As I enter the edge of my pasture,I dont see the Lab,but I see 4 coyotes.
I was able to take out one of the 4 coyotes.
The coyotes dont bother me at all.I have been hunting for years and most coyotes run like hell,but this freaking dog has me worried about my grandkids and my family pets.
How common is it for dogs to run with coyotes?


----------



## bkr43050 (Apr 5, 2004)

I don't know how common it is. I guess I have heard stories but never really saw anything confirming it. But with a dog that may have acquired absolutely no fear of humans that combination could make for a bad situation.

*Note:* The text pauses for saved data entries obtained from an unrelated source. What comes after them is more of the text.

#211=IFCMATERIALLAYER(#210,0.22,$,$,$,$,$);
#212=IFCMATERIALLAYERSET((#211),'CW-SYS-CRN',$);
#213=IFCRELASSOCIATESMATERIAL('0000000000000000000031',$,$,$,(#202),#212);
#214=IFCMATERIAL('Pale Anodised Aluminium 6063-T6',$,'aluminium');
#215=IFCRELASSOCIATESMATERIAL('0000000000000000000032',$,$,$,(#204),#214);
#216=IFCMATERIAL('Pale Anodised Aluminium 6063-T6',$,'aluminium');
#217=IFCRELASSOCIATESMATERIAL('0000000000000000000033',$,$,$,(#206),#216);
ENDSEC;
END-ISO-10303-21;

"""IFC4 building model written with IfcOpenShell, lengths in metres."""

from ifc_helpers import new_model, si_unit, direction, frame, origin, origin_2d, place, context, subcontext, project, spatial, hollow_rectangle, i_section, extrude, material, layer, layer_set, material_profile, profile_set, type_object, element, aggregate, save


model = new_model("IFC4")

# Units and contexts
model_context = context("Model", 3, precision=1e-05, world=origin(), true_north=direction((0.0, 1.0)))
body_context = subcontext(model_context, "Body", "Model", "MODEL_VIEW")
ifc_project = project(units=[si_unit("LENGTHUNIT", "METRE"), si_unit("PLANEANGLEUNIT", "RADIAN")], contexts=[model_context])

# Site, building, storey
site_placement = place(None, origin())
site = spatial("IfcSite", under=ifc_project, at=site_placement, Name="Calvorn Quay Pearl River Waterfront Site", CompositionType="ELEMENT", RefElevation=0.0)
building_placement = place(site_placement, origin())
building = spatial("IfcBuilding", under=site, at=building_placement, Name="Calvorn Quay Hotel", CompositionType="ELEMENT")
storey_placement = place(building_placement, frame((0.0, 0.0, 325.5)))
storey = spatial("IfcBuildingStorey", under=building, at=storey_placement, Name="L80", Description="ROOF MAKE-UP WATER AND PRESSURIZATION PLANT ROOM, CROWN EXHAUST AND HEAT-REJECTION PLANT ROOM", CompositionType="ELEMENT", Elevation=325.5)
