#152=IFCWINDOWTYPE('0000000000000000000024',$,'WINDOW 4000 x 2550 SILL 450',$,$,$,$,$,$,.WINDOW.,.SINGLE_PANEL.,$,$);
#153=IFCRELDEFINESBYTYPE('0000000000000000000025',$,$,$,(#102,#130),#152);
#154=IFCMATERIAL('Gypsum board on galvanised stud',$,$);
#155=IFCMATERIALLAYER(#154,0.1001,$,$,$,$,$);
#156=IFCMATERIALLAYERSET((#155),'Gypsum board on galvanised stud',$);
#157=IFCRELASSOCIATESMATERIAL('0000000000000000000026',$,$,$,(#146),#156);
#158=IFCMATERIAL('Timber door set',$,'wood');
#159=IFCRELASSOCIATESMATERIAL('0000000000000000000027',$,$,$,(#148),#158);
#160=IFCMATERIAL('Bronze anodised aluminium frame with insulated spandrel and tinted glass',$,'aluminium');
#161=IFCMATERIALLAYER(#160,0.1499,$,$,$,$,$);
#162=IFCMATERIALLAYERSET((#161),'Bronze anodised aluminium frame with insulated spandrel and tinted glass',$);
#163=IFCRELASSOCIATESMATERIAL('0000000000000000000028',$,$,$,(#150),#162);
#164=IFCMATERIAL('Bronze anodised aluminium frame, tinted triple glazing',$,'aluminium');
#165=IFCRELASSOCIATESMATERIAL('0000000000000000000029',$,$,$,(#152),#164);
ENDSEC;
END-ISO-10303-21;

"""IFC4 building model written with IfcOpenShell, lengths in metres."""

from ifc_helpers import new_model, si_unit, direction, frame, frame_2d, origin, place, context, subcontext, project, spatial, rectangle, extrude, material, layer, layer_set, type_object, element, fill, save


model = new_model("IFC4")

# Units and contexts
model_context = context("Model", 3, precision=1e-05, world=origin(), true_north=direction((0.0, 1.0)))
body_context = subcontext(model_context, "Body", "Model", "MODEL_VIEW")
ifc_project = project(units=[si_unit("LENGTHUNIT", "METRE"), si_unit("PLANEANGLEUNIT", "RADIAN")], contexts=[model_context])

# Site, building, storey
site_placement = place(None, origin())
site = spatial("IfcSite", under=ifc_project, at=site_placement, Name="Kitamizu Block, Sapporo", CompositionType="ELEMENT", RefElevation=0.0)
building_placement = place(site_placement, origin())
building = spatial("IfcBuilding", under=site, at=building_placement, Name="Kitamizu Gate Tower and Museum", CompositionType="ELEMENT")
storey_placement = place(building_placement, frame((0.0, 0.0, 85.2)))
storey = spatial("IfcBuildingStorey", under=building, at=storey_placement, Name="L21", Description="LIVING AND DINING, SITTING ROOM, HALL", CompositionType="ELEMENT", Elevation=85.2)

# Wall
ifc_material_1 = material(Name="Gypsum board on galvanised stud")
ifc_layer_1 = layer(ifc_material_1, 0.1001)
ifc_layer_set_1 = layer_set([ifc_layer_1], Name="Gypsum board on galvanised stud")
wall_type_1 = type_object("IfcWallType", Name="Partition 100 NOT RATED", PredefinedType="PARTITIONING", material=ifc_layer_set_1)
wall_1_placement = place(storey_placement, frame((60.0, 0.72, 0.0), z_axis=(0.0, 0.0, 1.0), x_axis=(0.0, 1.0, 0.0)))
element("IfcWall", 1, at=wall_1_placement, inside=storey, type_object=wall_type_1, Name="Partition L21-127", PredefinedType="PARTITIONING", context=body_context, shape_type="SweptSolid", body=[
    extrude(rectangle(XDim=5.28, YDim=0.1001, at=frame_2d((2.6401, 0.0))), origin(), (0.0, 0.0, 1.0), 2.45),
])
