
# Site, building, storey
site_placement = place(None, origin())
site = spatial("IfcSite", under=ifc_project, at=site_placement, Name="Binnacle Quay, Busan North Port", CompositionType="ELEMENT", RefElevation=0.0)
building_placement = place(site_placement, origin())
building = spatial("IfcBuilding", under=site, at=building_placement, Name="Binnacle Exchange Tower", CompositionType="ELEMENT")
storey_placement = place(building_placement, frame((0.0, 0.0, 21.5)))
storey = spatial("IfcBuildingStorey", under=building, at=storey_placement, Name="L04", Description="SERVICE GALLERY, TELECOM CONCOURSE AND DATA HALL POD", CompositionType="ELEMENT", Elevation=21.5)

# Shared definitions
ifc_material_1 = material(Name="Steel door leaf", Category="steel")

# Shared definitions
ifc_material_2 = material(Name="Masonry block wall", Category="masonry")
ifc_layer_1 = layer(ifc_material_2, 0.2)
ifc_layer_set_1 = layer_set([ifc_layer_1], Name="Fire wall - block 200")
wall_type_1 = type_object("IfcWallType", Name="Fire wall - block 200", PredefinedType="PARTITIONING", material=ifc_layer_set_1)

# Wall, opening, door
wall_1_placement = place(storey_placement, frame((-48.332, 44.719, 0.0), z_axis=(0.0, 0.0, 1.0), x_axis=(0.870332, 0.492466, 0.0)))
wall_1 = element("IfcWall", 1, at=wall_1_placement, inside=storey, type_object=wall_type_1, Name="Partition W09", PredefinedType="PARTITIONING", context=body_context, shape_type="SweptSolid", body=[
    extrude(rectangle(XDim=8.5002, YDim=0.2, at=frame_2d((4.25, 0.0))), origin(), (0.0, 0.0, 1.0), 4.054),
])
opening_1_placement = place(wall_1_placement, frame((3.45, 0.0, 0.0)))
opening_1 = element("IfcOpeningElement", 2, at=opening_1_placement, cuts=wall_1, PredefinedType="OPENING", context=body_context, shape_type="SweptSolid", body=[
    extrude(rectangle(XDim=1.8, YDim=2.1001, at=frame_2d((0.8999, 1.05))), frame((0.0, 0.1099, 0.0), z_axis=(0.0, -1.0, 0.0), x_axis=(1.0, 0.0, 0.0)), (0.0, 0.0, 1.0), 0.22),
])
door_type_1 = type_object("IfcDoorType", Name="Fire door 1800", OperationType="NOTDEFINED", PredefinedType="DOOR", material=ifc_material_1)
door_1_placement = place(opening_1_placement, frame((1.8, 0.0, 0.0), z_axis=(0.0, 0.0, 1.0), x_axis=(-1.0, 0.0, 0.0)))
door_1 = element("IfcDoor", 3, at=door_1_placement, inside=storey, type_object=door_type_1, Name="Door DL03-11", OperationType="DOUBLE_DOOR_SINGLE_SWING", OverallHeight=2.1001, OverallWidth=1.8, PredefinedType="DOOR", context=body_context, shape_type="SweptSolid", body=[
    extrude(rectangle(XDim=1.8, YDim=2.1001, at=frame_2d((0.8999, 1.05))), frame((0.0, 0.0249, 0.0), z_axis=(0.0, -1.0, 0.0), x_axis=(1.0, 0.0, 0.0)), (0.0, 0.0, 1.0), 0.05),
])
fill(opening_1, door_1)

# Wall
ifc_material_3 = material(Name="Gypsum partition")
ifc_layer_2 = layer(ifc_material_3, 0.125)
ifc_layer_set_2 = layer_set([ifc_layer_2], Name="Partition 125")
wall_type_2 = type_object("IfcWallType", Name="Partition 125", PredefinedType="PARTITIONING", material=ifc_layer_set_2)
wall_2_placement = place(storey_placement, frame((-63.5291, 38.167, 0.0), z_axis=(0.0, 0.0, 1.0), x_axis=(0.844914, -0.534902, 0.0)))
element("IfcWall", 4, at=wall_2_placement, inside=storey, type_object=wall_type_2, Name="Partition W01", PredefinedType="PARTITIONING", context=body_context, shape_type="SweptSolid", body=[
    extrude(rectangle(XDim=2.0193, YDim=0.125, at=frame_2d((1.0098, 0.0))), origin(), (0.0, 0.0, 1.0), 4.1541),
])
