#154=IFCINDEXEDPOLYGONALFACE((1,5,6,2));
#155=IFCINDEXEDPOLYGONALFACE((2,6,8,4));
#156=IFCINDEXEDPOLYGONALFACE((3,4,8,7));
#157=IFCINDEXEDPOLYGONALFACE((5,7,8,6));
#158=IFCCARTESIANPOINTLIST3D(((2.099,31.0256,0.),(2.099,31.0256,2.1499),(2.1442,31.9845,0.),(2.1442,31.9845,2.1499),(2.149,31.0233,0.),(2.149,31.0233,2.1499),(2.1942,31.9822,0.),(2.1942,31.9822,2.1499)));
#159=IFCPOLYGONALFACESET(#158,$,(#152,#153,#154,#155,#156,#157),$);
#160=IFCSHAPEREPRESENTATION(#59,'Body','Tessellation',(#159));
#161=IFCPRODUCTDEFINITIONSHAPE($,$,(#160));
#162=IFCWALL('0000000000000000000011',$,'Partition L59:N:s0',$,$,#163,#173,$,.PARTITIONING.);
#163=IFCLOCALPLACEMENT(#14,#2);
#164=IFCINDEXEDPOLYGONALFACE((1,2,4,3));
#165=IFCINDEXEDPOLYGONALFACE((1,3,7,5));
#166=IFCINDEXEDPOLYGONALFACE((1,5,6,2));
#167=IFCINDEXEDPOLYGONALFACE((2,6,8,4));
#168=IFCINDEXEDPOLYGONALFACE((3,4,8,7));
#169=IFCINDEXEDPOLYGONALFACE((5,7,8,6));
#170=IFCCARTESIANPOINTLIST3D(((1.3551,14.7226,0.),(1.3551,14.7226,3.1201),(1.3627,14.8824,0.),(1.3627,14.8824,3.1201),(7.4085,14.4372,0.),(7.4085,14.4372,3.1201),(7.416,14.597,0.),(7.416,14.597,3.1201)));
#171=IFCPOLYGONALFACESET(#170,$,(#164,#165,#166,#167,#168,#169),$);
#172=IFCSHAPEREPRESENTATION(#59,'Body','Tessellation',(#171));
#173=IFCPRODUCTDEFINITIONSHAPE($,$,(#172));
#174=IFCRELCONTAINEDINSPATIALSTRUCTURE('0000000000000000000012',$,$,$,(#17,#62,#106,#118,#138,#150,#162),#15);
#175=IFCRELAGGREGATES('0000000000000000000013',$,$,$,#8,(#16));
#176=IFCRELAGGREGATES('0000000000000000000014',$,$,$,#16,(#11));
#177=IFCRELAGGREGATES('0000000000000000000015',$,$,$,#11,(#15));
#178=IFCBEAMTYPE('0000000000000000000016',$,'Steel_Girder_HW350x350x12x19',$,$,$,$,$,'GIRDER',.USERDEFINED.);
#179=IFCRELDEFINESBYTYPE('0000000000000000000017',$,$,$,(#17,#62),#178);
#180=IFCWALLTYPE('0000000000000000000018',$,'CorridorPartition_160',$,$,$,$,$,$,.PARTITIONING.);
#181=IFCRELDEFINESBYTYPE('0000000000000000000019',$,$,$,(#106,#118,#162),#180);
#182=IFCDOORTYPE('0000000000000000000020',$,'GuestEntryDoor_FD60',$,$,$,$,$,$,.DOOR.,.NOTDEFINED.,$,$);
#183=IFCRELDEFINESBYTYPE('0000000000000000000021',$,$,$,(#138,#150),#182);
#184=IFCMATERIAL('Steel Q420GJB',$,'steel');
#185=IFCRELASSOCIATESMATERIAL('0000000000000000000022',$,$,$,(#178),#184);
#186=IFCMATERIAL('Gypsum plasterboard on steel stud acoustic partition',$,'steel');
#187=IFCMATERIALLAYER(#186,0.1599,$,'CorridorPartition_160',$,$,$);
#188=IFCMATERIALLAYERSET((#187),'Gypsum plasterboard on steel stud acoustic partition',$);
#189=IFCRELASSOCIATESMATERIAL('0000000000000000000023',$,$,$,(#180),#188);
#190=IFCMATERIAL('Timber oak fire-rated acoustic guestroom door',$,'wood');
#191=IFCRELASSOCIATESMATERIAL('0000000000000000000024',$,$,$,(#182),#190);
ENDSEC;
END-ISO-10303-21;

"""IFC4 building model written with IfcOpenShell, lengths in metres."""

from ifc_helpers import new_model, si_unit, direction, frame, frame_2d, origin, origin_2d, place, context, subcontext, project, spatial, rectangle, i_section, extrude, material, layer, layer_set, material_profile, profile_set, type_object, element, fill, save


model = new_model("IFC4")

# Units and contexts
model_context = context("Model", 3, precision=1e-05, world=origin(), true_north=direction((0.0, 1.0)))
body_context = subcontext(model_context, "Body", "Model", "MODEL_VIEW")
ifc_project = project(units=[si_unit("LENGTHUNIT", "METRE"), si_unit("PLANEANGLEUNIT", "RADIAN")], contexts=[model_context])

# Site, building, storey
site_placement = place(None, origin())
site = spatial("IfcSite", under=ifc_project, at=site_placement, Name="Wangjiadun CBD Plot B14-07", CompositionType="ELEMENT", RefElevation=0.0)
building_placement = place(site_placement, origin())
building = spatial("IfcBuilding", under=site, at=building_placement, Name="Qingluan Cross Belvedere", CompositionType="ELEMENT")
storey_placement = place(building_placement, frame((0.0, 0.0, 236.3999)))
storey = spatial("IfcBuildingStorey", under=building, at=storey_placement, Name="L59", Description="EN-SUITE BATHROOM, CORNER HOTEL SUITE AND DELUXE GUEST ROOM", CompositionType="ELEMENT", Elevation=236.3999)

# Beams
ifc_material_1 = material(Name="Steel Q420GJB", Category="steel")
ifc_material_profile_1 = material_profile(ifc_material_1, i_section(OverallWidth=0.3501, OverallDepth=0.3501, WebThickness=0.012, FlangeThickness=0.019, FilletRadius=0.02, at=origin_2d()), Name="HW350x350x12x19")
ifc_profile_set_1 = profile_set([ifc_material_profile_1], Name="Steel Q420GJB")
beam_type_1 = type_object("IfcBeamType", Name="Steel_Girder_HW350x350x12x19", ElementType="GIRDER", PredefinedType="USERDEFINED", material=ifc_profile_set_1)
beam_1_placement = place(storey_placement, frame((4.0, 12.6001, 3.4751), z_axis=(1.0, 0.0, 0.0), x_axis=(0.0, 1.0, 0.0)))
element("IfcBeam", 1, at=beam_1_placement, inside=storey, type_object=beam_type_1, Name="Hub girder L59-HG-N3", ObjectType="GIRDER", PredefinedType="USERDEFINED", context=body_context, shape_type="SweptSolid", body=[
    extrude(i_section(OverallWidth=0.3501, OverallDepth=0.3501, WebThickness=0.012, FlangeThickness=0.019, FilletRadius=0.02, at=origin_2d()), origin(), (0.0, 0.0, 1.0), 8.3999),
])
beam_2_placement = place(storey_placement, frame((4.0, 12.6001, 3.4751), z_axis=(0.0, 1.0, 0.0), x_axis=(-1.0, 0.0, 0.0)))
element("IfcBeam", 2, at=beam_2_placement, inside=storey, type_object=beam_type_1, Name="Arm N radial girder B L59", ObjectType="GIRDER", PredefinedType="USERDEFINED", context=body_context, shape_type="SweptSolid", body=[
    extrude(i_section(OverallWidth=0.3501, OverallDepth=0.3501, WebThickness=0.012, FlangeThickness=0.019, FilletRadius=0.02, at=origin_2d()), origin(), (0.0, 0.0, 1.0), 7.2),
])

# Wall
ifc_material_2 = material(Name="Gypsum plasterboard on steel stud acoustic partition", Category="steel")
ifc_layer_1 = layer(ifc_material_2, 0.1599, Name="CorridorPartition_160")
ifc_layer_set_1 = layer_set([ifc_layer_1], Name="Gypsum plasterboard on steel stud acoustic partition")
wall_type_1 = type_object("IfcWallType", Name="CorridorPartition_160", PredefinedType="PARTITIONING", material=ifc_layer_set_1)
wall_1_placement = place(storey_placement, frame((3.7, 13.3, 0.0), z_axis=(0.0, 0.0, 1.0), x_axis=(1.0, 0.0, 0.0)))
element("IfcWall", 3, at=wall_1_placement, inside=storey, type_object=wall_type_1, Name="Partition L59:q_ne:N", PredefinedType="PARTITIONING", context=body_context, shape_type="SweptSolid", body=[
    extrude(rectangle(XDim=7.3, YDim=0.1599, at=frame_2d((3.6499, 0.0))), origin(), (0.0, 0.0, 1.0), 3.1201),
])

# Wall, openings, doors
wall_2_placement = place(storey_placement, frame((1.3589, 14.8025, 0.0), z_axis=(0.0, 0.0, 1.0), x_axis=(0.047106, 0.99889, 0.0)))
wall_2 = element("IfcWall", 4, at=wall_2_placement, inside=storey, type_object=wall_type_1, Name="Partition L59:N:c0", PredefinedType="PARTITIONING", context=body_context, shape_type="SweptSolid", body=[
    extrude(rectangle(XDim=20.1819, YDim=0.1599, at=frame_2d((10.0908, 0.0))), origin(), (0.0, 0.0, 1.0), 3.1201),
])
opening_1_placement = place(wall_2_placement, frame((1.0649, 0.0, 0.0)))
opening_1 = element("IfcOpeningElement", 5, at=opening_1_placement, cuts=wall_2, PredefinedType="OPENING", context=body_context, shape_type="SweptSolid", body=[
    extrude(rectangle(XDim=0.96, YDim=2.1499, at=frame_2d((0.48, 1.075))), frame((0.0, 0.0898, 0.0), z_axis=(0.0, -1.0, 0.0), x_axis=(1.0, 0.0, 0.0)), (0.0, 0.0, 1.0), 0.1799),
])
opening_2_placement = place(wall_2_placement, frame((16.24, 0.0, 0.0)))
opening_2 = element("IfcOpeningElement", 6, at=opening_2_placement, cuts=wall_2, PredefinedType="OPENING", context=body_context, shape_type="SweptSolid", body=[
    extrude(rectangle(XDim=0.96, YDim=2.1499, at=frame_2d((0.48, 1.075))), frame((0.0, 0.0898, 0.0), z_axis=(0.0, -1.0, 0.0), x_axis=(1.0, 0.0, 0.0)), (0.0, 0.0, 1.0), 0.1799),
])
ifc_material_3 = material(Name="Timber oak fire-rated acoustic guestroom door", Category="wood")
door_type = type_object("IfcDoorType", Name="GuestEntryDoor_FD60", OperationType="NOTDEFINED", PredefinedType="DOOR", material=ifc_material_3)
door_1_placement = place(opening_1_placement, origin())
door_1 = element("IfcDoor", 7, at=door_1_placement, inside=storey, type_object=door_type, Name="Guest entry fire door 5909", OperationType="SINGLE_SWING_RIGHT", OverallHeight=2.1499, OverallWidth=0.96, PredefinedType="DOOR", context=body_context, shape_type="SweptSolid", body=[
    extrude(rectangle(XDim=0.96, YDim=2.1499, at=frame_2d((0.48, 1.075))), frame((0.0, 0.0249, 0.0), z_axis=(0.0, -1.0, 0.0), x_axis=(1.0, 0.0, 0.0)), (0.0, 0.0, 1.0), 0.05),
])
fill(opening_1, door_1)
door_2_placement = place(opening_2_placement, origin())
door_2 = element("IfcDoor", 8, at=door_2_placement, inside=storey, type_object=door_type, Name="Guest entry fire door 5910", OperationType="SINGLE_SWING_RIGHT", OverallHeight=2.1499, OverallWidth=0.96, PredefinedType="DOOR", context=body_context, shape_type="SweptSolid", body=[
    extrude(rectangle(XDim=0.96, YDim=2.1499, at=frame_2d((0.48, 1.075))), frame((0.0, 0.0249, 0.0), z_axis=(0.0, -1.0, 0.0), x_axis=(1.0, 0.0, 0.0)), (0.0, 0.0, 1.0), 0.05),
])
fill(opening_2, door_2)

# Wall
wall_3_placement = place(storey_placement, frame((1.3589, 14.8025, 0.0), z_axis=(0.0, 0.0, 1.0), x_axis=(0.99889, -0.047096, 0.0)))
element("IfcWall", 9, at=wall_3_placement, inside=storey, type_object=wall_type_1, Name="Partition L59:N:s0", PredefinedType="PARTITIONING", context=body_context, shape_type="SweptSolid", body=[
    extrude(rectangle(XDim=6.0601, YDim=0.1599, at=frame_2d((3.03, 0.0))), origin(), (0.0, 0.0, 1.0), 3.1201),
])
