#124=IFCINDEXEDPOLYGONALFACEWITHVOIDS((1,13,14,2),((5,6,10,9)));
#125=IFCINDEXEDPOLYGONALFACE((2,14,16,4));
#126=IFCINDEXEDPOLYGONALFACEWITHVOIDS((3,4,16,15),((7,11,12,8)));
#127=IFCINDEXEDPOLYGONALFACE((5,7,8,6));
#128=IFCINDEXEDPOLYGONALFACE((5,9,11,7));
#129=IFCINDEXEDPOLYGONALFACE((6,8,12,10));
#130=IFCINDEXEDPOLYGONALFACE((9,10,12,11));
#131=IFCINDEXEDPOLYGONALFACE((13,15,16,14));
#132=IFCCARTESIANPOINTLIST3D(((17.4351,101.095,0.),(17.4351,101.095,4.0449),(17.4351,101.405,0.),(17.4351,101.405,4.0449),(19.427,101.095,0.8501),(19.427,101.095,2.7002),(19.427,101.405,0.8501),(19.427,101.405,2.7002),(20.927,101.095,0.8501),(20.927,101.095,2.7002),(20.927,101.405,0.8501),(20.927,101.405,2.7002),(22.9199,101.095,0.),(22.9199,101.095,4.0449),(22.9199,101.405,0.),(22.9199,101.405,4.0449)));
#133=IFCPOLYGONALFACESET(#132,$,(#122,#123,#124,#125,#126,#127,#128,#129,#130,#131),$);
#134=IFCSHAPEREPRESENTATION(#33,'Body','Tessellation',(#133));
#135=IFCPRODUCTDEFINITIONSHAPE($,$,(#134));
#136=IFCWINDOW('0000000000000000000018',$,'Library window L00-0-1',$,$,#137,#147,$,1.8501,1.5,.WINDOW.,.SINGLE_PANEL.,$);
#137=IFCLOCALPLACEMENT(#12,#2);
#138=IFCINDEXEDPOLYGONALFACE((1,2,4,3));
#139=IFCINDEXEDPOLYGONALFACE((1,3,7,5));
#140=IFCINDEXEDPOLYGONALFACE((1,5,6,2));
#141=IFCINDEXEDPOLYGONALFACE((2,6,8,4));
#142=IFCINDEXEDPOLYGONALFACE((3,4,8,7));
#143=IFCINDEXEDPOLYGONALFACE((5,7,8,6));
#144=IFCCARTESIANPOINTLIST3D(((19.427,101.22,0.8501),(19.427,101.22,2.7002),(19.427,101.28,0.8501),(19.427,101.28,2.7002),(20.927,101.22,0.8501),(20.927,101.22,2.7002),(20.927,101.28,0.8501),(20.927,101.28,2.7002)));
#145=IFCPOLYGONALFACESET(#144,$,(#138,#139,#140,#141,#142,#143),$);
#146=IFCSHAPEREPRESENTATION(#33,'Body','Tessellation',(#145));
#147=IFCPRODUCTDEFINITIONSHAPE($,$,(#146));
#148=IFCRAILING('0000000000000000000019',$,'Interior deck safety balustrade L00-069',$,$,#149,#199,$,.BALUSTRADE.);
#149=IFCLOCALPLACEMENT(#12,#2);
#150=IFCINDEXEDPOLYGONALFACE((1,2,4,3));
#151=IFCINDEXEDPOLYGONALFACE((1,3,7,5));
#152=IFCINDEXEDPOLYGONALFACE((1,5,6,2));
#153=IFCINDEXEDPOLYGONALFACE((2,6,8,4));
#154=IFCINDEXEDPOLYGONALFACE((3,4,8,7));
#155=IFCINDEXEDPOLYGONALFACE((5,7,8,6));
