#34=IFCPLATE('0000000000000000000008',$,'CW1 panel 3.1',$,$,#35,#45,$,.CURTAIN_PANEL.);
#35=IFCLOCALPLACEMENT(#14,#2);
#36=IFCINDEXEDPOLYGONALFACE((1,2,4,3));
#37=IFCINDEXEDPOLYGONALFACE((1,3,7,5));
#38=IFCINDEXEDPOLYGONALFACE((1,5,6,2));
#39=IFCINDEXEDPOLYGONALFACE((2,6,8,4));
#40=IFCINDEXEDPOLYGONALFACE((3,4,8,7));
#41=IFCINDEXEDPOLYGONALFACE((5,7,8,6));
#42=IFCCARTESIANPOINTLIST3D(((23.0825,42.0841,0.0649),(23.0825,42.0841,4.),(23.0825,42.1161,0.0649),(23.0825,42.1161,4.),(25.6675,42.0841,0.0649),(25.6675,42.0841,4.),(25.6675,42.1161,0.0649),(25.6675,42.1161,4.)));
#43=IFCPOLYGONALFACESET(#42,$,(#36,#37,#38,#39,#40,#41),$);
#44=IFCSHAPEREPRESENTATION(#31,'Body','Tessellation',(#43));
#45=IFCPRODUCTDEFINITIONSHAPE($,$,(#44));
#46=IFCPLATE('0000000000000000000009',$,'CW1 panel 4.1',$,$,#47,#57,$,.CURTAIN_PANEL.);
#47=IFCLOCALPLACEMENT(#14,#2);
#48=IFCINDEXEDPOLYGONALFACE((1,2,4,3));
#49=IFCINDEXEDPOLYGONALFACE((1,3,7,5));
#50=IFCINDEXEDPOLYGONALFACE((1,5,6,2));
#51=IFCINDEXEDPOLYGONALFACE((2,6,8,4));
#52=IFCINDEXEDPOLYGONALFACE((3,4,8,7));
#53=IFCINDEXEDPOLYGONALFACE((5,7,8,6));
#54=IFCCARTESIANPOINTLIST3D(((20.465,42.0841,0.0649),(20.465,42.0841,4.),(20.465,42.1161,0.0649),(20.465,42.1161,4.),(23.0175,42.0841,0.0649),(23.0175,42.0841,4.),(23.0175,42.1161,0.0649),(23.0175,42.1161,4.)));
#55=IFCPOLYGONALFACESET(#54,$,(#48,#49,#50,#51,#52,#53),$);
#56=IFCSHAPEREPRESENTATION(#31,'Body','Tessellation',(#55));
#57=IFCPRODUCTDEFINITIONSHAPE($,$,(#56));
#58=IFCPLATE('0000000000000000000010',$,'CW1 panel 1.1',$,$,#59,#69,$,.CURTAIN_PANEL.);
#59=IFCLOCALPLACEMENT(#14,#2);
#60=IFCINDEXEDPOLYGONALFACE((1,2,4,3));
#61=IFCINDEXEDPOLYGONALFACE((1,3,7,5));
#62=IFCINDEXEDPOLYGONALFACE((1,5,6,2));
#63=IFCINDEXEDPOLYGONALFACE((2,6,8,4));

I wonder if perhaps the dog is just a stray/wild dog that may not be in the coyote pack but that the pack may follow and harass the dog as well. Maybe they came to the area when hearing the dog carrying on. I am curious to hear whether you ever do spot them together at any point.


----------



## M.Magis (Apr 5, 2004)

I would consider it extremely uncommon, even unlikely. But, under just the right circumstances it could happen. Any chance the dog wasn't actually with the coyotes? Maybe the neighbor saw a blonde coyote and your encounter was a coincidence? It seems unlikely, just thinking out load. Either way the dog needs disposed of. There's nothing in the Ohio woods more dangerous than a feral dog. I hope you get him. I'll mention it to your neighbors as well.


----------



## Lewis (Apr 5, 2004)

Thanks for the input.
I have heard stories before about dogs,coyotes and coydogs and always wondered if it was just a myth.
It might have just been coincidence.
Not much in the woods I am afraid of,but being cornered by that 80lbs of wild,snarling, snapping teeth in the middle of the afternoon in my front yard sure got my attention.
I let my neighbors know to watch out for this dog.
I plan to put one of my tree stands to good use before deer season


----------



## foundationfisher (May 12, 2008)

when i was a kid back in the 60's i heard stories of wild dogs in ohio. read an article in sports afield or outdoor life about a guy and his dog being attacked by a pack. the guy climbed a tree, but his dog got eat. in the late 70's, early 80's (can't remember) when fur prices were really high, a guy had some fox traps set. one night he caught 3 coydogs (so the mt. vernon paper said). was at a 'yote hunting seminar and a professional hunter said there was only 1 coydog ever confirmed, bred in a lab via artificial insemination. i think the trapper was catching real 'yotes before anyone knew they were around. he also said 'yotes eat dogs. he lived in the 5th largest city in pa. (didn't say where). the city was doing a sewer project, and dug up a sewer with a coyote den inside and they found 50 dog collars. the show on natgeo, life after people (something like that) said dogs can't survive without people. they've lost the ability to survive or become wild. the folks i talked to when i was a kid never left the house without a gun. they often had to use it. hope this helps. keep your 870 handy , hope you get the beast.


----------



## Darwin (Apr 12, 2004)

I would agree with what has been said, it is highly unlikely a dog is running with coyotes.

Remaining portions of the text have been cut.